Pero nadie lo llama tirano…
Los golpes de
Estado caracterizarán la Historia Argentina del S XX. Entre 1930 y 1983 fueron
más los gobiernos de facto que los de derecho. Y en ese camino, nuestro régimen
constitucional fue cediendo paulatinamente frente a situaciones de fuerza.
El primer golpe se
produjo en 1930. El Congreso fue disuelto y las provincias intervenidas. La
clara ilegitimidad de un gobierno de facto fue salvada nuevamente por la Corte
Suprema de Justicia. En una Acordada, que arrojaba al basurero el criterio
según el cual los jueces sólo se pronuncian a través de sus sentencias, el
máximo Tribunal entró de lleno en la arena política, declarando que (y lo cito)

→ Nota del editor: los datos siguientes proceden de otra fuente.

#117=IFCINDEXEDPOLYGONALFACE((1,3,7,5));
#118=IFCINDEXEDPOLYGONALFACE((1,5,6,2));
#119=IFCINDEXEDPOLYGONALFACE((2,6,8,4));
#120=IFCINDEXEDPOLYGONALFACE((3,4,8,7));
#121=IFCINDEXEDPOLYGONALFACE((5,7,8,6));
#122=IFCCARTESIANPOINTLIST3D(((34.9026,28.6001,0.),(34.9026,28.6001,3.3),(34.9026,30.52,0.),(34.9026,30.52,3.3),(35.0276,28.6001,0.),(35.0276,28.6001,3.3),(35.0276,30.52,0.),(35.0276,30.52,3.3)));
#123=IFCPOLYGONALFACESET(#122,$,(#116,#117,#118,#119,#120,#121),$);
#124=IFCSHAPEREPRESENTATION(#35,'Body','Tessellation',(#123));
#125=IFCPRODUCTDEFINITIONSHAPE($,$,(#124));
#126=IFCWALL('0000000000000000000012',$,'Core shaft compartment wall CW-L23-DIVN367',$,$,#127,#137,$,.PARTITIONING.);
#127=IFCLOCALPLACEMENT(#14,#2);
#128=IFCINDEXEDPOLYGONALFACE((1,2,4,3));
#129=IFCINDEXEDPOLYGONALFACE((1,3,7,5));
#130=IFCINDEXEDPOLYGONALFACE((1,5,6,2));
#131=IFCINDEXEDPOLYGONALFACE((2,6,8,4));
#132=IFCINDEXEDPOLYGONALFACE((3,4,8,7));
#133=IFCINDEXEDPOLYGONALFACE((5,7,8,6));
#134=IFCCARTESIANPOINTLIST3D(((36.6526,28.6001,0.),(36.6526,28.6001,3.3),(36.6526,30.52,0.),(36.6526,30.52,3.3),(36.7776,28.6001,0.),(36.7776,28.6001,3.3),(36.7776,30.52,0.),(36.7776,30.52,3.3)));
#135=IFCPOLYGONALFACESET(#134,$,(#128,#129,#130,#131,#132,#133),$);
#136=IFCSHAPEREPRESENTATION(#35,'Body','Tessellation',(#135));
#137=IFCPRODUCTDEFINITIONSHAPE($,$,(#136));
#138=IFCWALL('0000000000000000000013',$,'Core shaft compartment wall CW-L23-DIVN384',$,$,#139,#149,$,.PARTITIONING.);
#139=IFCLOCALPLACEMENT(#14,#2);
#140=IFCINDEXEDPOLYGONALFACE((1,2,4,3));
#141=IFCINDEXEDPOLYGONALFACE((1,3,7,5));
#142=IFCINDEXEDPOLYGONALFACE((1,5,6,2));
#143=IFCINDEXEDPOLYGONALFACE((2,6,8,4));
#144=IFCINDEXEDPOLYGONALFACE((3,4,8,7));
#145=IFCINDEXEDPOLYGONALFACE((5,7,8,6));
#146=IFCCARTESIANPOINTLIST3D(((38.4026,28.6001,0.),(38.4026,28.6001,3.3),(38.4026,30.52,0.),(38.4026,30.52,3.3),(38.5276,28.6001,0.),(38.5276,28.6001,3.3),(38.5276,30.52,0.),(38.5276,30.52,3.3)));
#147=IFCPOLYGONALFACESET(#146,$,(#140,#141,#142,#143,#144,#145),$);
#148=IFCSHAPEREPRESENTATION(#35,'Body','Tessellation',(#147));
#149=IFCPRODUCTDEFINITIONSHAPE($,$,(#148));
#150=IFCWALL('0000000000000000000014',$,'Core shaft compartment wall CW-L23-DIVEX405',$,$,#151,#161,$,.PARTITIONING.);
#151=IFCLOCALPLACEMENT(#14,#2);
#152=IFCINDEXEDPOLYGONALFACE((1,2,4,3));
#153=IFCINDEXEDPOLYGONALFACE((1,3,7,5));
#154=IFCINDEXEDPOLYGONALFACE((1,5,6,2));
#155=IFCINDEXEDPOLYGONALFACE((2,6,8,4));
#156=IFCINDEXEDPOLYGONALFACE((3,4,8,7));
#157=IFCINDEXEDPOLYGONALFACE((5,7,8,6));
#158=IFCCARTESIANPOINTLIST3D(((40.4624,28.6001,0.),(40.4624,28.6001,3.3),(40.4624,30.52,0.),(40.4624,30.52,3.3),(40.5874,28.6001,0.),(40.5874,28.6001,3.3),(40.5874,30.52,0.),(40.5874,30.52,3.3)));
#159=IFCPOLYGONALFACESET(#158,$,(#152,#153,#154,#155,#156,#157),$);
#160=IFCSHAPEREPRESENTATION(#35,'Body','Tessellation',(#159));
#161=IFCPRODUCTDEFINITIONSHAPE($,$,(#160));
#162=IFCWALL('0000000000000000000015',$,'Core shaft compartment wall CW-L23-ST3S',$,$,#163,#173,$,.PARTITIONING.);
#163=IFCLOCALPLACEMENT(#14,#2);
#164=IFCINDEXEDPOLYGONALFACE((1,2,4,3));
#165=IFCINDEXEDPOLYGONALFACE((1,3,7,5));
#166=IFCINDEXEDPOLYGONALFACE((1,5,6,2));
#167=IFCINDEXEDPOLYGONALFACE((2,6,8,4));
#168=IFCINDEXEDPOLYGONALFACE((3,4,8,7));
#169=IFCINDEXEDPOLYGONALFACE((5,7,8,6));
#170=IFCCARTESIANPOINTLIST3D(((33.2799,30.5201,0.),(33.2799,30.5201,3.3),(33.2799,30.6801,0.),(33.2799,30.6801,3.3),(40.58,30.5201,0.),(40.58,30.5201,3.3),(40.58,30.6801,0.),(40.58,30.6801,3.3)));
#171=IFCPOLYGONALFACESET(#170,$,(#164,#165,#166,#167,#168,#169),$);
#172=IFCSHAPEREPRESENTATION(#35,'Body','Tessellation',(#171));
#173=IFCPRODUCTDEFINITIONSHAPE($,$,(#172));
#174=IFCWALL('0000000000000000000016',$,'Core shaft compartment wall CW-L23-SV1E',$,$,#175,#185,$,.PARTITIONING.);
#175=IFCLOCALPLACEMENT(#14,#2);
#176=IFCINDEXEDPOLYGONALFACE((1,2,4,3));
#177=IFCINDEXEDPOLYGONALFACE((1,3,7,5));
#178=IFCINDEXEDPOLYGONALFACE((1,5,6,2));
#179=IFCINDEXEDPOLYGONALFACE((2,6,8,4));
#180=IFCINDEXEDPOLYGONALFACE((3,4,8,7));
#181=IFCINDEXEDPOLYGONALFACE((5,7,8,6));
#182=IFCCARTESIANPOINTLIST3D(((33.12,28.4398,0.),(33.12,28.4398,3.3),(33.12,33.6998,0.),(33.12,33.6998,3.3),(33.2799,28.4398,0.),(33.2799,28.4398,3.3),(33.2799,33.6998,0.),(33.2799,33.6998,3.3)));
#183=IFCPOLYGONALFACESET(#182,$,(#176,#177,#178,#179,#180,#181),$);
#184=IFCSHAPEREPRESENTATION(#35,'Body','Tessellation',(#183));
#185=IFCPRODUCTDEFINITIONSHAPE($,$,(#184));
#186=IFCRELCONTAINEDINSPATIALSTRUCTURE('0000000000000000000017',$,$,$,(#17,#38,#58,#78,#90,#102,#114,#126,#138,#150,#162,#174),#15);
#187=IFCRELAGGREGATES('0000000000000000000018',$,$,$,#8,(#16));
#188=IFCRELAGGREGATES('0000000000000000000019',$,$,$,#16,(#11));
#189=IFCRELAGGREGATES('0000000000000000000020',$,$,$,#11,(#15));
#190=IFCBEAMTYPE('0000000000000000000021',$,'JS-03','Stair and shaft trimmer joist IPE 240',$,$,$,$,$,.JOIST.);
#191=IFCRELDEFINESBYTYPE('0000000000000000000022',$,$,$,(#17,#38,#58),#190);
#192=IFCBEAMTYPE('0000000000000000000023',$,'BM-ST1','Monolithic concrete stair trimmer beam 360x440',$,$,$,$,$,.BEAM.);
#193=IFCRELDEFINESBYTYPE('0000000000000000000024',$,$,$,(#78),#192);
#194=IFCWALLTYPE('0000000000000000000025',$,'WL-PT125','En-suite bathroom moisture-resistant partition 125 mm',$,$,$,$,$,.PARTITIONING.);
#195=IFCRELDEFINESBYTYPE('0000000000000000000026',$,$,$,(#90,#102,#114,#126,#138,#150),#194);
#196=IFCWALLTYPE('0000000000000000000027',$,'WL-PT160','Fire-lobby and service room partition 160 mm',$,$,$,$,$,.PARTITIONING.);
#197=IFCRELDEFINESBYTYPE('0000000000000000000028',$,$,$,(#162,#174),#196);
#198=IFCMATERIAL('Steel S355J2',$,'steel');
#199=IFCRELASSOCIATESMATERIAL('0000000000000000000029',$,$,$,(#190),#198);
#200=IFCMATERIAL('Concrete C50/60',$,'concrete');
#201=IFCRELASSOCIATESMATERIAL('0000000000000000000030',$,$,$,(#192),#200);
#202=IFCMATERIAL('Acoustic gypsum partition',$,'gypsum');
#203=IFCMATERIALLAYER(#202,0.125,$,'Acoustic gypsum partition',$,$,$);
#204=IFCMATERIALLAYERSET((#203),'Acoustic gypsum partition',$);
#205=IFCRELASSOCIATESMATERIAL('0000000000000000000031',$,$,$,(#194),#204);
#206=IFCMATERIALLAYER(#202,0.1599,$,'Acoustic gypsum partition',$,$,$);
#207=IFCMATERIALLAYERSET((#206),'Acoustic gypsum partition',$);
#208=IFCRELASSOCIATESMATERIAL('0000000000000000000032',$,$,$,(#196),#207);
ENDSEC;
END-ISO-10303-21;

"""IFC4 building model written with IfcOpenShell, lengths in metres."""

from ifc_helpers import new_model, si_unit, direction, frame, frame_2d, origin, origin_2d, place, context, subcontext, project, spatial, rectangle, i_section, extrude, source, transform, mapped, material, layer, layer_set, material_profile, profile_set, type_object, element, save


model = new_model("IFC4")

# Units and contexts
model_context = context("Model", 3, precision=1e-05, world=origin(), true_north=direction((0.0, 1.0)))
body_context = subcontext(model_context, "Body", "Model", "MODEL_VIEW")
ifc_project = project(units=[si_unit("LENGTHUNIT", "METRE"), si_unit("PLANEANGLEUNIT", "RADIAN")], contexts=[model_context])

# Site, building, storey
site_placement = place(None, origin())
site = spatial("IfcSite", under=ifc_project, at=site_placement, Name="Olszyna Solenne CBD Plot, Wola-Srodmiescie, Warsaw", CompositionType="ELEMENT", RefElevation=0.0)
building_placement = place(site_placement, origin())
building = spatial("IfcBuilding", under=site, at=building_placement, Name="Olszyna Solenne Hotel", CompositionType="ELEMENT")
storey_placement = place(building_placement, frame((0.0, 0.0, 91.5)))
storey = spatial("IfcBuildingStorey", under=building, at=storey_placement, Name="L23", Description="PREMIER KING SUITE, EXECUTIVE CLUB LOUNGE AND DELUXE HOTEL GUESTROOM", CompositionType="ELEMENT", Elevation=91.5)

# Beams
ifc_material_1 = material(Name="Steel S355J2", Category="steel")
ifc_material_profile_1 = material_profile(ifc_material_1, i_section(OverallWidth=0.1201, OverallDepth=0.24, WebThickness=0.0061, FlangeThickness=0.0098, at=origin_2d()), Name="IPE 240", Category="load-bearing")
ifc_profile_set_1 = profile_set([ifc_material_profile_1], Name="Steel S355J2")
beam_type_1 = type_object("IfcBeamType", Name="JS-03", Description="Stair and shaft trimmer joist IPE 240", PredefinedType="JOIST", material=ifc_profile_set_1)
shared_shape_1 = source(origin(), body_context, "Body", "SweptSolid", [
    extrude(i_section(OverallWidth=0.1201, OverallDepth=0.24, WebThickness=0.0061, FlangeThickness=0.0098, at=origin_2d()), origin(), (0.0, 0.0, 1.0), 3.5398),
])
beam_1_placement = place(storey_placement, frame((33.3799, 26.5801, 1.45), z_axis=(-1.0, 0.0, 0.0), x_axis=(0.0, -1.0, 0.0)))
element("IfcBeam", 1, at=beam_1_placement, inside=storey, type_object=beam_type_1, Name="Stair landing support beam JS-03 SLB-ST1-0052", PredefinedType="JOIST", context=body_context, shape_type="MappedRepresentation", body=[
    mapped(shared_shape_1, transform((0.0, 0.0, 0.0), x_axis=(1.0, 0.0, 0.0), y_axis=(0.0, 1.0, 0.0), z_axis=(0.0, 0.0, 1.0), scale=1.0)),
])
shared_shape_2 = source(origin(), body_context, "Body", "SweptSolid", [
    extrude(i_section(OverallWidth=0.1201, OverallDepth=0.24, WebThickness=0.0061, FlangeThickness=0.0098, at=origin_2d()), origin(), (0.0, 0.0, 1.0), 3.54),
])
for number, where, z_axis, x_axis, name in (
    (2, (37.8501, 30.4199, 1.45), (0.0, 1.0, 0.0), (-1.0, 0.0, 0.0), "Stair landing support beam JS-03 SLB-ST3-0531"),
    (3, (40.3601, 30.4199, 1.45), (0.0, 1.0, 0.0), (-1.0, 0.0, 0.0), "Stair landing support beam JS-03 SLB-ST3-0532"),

“el gobierno provisional (…) es un gobierno de facto cuyo título no puede ser
discutido (…) en cuanto ejercita la función administrativa y política derivada
de su posesión por la fuerza como resorte de orden y seguridad social”.
La Corte salvó de
esta manera la cuestión de la legitimidad, pero quedaba por resolver otro tema
no menos importante: ¿qué pasa con las normas sancionadas durante un gobierno
de facto? En franca adhesión a la ideología que estos sostienen, la
jurisprudencia argentina recorrió un camino que la condujo a la aceptación
irrestricta de esas normas, extendiendo cada vez más las facultades de los
usurpadores. Al inicio del camino (en 1930), si bien validó el golpe, la Corte
limitó el ejercicio legislativo a criterios de “necesidad y urgencia” y excluyó
el campo penal. Además, estableció que las leyes derogadas por el gobierno
volvían a tener validez al terminar el período de excepción.
En 1943 hubo un
segundo golpe militar. La Corte produjo entonces una nueva Acordada en términos
similares a los que había utilizado en 1930, que reconocía la legitimidad, pero
aplicaba a las normas sancionadas un criterio restrictivo que las mantenía en
vigencia sólo mientras estuviesen en el poder. Sin embargo, amplió el campo de
la legislación que podían producir: al requisito de “necesidad y urgencia” se
agregó el de “los fines de la revolución”, aceptando toda norma que apuntase a
ellos.
Reestablecido el orden constitucional en 1946, la Corte
Suprema fue reemplazada y la jurisprudencia respecto de los golpes de Estado
cambió. El criterio restrictivo fue dejado de lado, admitiendo que las normas
subsistían, aunque cesara el gobierno que las había sancionado y sin necesidad
de ratificación del Congreso. También se estableció que el criterio de
“necesidad y urgencia” era privativo del gobierno de facto y totalmente ajeno al
control judicial. Si bien esto permitió al gobierno incorporar toda la
legislación producida en el campo laboral y social durante el golpe de 1943, su
aplicación provocó la reacción de todo el arco opositor, que tildó al gobierno
de tiránico.
Pero Perón fue
derrocado en 1955. El gobierno de facto derogó la Constitución de 1949, volviendo
al texto de 1853. Por el decreto 4161/56 se proscribió tanto al Partido
Peronista como a su líder depuesto. Su accionar fue legitimado nuevamente por
la Corte, que afirmó: “El gobierno surgido de una revolución triunfante tiene
el poder de realizar todos los actos necesarios, y entre ellos los de carácter
legislativo, para el cumplimiento de los objetivos de la revolución”. La capacidad
de legislar ya no tenía límites.
Normalizada la
situación, esta vez fue el Congreso el que estableció que todas las normas
sancionadas por un gobierno de facto tenían plena vigencia con posterioridad,
criterio que acató la jurisprudencia de la Corte. Un radical (¡quién si no…!)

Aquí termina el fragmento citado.